Okay, here's a shot, Fallsburg:

Basically, there's a lot of grants flying around in Academia right now (at least in the U.S.). There's no central clearing house, exactly, so you'll have to start networking and getting known in Academic circles, but I can point you in the general direction.

First and foremost there's the MacArthur foundation / HASTAC - their Digitial Media and Learning competition is something you can apply for most directly and with the least BS. It also has a lot of competition. This is how CellCraft, a game I worked on, was funded. (What happened was the team leader, who I didn't know at the time, won the grant, then hired me for the project).

In terms of goverment grants, I've been involved with committees seeking funding from the NSF and the USDA. In terms of serious games the NSF is all about STEM, STEM, STEM (Science, Technology, Engineering, Math), so you'd better be making a game teaching about those concepts. I think the STEM-thing is a bit obsessive, but that's what the current climate is.

USDA is all about health, nutrition, and obesity education. So, health and nutrition games. (The fact that the USDA has basically created the obesity epidemic through heavily subsidizing high-calorie commodity crops, then spending gobs of money on researching high-technology fixes for the problem is extremely ironic, but hey.)
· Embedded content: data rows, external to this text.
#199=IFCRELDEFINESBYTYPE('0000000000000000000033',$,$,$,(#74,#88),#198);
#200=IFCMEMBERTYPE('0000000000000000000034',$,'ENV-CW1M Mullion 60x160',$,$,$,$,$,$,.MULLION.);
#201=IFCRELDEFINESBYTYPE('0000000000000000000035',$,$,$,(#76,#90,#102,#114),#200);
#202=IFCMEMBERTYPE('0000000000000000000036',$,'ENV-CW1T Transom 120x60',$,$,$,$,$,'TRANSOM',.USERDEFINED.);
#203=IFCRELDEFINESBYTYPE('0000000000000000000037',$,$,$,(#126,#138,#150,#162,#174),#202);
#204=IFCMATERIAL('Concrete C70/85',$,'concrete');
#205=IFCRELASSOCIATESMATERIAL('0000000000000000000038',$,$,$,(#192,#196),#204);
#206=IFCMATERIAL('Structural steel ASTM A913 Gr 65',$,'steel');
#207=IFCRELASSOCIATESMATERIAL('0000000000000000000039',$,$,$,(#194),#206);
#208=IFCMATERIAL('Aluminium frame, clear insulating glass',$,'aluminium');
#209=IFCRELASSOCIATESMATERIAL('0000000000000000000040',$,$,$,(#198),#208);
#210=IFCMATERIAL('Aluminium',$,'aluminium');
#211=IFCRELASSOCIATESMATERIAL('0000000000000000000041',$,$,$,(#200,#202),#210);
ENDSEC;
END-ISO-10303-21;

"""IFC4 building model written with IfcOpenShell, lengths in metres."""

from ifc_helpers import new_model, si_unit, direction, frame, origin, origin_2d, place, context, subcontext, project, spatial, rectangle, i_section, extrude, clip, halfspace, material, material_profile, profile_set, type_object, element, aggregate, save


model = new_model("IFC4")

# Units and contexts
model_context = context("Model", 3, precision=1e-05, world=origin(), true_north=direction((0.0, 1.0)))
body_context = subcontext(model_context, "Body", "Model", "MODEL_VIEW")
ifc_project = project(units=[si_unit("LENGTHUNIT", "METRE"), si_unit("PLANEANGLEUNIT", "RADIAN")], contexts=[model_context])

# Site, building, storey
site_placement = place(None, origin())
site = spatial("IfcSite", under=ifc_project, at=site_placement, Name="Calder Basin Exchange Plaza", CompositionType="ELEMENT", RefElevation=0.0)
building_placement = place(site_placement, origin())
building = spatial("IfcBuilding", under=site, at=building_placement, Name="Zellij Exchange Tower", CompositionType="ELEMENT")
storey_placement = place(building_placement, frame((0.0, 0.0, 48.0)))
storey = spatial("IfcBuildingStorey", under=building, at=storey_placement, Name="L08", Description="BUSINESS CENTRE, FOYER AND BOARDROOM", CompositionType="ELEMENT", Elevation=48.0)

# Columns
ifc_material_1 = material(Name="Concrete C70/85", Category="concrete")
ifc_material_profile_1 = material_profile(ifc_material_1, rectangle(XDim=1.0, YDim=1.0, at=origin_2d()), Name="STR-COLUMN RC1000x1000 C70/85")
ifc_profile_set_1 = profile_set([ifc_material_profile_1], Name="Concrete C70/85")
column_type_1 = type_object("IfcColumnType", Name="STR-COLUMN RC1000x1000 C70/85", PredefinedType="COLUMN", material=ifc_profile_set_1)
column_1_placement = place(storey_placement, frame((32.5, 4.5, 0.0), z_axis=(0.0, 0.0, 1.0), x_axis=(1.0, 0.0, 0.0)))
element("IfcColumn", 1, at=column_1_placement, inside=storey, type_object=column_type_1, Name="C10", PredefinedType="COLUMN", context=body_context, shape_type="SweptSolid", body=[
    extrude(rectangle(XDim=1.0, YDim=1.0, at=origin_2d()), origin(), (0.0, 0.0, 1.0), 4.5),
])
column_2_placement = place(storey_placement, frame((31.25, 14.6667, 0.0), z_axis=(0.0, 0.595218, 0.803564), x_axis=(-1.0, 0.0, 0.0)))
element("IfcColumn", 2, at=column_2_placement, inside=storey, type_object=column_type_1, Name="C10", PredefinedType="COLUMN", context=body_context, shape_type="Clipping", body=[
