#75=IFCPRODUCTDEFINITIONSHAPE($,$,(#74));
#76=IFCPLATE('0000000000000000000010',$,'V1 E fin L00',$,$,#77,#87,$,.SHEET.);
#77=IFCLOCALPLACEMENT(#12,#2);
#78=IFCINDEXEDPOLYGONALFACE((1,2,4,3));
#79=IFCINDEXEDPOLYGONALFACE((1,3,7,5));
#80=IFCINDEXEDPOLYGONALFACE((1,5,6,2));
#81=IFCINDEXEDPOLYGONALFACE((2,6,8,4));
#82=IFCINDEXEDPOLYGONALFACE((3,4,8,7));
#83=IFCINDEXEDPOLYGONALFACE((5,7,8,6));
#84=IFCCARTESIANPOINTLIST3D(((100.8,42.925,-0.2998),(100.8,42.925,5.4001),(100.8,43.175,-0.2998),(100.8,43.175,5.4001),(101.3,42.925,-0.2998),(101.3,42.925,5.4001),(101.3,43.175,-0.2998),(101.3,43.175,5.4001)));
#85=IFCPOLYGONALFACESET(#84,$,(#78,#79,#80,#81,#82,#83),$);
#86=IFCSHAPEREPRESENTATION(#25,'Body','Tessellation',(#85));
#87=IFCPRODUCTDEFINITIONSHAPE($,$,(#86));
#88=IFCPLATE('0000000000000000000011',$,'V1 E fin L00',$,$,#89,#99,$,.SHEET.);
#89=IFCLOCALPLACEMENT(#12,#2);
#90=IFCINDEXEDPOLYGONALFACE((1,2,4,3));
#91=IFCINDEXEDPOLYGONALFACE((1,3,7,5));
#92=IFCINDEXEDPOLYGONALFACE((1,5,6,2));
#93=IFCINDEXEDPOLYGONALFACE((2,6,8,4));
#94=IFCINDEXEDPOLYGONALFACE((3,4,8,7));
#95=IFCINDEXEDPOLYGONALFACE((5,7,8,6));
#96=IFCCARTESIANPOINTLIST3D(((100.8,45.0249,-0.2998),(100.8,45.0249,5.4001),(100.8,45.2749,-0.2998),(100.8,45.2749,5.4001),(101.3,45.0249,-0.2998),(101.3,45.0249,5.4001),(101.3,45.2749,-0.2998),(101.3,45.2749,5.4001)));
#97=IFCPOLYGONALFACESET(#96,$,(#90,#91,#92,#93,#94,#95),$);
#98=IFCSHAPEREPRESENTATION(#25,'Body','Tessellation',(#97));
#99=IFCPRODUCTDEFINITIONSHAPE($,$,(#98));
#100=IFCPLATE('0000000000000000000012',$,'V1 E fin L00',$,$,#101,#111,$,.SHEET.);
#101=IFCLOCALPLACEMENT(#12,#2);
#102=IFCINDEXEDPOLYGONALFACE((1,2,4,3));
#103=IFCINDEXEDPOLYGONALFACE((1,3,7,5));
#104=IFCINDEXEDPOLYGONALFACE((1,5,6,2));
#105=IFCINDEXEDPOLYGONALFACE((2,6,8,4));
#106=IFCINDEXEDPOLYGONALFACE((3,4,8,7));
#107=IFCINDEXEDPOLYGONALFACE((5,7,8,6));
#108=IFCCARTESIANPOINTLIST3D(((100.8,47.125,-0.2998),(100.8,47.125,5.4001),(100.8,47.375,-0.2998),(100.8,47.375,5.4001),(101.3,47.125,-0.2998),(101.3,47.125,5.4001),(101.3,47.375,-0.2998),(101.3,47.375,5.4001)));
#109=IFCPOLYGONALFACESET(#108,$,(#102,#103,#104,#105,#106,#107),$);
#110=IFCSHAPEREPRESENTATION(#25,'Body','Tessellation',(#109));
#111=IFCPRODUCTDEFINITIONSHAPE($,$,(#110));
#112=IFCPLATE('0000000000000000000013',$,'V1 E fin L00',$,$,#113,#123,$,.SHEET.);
If you're going for NSF or USDA grants you have to be part of a larger academic team with experience writing and seeking grants. The best way for a games developer to get involved in this is to brand yourself as a game development consultant and market your skills towards the committees that are winning these grants. I wouldn't recommend seeking government grants directly unless you have an experienced academic partner or ARE an experienced academic yourself.

What's happening right now is that academics highly interested in game design, but with close to zero experience, are getting this money and then hiring second year computer science students to flail around miserably for a few semesters programming a game the committee has meticulously designed for them in power-point. Then they test the semi-working game on a few dozen undergrads or elementary school kids, write a research paper, and declare victory, leaving the game itself to rot and die on a forgotten hard-drive in the basement. There's a real need for actual competent game designers. Ideally, you should be able to do a little bit of everything, particularly programming.

There's a few RARE shining lights in serious games right now, but I've been on a lot of these projects, and that's how it turned out. If you're VERY lucky you'll get on a team with a lot of game design experience, but largely, it will be YOUR job to bring that perspective to academia.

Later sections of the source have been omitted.